The rising tide of product-liability suits, including a few as outlandish as the strongman's, is a major cause of the current insurance crisis. The growing tendency of juries to side with consumers and award huge damages has strained insurers. The result: businesses face soaring premiums and canceled policies. "Any solution to the insurance problem will have to be based on a fundamental reform of tort law," says Robert Willmore, a U.S. deputy assistant attorney general. The Reagan Administration is pushing for changes in the tort system.

Congress is moving to end the crisis in what promises to be a bitter fight among some powerful lobbies. The aim is to impose federal standards on both insurance and product-liability law, or torts. Until now, both have been matters of state concern.

Past efforts at revising product-liability law aren't encouraging. In 1979, the Commerce Department peddled a model uniform product-liability act to the states, but most of them ignored it. And a bill imposing federal rules on the states died in a Senate committee last year. But Sen. John Danforth (R-Mo.) is expected to try again soon with a bill creating a system that enables claimants to settle directly with the company. They would give up the opportunity to collect anything for pain and suffering.
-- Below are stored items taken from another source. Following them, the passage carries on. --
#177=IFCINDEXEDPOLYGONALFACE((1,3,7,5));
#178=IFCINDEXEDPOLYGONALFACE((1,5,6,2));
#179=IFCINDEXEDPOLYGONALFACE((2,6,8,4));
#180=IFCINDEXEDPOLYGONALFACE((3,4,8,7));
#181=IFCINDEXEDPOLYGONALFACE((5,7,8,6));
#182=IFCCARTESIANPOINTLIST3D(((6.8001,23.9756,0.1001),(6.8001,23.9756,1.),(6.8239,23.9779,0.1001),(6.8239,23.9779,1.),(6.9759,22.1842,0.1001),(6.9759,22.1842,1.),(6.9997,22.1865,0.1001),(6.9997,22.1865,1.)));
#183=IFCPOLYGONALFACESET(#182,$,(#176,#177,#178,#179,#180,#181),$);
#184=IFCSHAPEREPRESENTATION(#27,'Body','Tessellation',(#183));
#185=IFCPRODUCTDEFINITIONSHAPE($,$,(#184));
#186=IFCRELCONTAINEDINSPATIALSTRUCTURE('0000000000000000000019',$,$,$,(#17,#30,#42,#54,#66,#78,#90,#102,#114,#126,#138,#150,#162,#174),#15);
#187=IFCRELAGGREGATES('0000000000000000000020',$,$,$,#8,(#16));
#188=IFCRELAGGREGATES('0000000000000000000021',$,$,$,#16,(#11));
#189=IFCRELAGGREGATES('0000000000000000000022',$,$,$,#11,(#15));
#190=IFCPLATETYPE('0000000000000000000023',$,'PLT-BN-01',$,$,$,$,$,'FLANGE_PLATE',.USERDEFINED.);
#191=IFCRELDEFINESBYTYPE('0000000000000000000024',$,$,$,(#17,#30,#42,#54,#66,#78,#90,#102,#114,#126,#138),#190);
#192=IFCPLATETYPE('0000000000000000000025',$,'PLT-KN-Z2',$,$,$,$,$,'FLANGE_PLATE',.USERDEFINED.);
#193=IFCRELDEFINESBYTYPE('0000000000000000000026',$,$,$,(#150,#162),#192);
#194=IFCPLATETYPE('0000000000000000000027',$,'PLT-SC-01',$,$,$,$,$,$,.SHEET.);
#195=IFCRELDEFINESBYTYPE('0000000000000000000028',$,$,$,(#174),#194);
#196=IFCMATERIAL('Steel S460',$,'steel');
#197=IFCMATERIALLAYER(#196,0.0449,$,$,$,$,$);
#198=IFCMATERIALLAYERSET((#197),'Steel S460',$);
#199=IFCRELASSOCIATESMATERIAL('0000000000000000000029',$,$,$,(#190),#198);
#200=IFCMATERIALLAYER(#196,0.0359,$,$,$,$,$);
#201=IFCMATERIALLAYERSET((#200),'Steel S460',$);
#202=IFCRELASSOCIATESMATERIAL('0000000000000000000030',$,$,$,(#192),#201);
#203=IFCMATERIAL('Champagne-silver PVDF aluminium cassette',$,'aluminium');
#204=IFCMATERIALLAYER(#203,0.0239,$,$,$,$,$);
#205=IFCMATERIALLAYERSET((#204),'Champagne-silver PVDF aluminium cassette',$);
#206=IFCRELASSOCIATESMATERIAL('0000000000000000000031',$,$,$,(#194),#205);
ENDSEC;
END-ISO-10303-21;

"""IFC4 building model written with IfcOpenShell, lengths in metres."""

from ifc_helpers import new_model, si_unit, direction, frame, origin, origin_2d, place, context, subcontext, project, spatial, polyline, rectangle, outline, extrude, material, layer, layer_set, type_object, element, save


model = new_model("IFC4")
In a major concession to business, the bill would eliminate "strict liability" provisions of tort law; companies would be liable only if they were negligent in making a product.

The insurance industry favors tort reform, but faces bitter opposition from trial lawyers, who share in the big awards. Consumer groups argue that the damages are necessary both to compensate victims and deter companies from making defective products.

Congress is also looking at ways to override state control of insurance, possibly through federal rates or guidelines. Even if no law is passed, says Sen. Jim Sasser (D-Tenn.), the debate "may be a shot across the bow of insurance companies to show them that they're being watched." Sasser has been holding hearings since November.